Closed mfazel closed 8 months ago
Hello, Thanks for the note -- we are checking on the datasets you listed. Michal
Hello, As far as the number of datasets in progress -- this number relates to all available datasets in GEO that we haven't had a chance to process yet -- and we are processing them fast as we can. They are in a lower priority queue so user submitted datasets get a priority. Regarding the pipeline -- it should be working. Your particular examples might not have data in SRA -- let us know if you think otherwise and we'll dig deeper into what might be going on. Thanks, Michal
Hi Michal, I checked a few other datasets and non of the reasons given after submitting and failing the dataset for process using the queue are true, same as the above examples. I came up with a possible reason, that is, I know GREIN uses a list of datasets from GEO and if any dataset does not exist in that list, wont be processed and that list is not updated at least during the past year or not being automated. One way to find it out, is to check what datasets are being processed right now, if any, and then see their release date in GEO, probably non from 2022 or even 2021. This is just my guess but likely to be true.

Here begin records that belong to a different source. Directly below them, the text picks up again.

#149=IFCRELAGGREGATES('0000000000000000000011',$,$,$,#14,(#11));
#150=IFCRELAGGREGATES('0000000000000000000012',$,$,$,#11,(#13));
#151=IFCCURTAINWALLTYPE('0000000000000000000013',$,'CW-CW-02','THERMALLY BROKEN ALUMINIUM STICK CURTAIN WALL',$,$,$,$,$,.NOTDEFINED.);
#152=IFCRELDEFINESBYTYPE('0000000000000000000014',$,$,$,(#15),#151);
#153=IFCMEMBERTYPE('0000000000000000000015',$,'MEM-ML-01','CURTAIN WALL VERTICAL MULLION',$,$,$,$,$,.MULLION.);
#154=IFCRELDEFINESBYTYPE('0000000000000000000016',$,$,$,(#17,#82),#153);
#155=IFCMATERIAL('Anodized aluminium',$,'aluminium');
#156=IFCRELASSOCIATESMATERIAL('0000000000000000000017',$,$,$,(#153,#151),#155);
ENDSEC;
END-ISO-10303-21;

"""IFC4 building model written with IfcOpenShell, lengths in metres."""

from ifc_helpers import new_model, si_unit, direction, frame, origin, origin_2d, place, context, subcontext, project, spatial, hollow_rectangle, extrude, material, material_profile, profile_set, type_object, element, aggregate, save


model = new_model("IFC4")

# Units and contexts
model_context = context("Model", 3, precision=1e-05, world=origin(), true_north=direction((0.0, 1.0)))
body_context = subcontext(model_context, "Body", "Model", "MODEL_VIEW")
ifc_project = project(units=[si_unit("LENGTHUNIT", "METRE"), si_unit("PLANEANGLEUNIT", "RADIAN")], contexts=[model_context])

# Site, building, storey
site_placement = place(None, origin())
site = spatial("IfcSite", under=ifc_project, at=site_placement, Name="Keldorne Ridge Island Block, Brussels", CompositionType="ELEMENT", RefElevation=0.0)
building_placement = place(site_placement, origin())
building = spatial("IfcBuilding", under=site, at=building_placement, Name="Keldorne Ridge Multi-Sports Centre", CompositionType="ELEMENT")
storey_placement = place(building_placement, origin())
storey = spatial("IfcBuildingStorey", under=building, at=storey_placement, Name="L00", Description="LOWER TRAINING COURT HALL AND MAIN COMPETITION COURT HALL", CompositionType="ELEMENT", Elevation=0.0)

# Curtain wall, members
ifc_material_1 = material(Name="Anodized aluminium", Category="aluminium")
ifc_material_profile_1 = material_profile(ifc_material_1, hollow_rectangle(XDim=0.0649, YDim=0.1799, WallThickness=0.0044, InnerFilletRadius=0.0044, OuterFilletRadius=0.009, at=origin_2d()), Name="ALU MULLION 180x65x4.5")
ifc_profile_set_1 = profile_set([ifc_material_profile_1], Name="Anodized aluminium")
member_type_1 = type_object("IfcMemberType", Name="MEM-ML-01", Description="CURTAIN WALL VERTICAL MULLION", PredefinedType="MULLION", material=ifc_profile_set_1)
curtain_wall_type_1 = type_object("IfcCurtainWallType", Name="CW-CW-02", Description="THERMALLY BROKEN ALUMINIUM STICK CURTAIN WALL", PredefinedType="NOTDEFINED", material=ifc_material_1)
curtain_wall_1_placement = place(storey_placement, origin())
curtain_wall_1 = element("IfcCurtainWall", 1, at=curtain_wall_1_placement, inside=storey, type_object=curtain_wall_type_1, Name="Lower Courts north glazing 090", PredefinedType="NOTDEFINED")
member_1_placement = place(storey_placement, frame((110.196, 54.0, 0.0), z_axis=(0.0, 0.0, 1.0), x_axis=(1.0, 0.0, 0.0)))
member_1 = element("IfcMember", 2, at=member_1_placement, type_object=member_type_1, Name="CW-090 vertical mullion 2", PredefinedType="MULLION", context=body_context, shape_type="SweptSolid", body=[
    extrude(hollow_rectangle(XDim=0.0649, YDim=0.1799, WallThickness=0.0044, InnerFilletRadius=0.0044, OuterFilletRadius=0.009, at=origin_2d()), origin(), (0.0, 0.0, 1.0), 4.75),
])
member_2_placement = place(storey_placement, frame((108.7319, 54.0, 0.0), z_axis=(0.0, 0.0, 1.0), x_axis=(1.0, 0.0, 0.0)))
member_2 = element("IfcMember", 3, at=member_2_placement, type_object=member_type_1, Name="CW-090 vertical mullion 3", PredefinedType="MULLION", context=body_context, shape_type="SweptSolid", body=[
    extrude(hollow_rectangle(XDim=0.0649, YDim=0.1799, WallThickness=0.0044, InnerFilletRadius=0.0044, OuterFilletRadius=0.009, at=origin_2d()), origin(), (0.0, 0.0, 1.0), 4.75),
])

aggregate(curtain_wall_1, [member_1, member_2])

Thanks
Hi guys, I was wondering why the number of in progress datasets are more than the processed ones (first page plot). I noticed that something probably has changed and the pipeline can no longer download data from GEO. I checked several recently published data on GEO and when tried to analyze, they either had been tried before by someone else and failed or if I submit it for analysis, it fails the download step shortly after extracting metadata. (ie GSE125422, GSE159067...). It seems many dataset names and metadata have been added to the database list but failed to download and process. Any idea?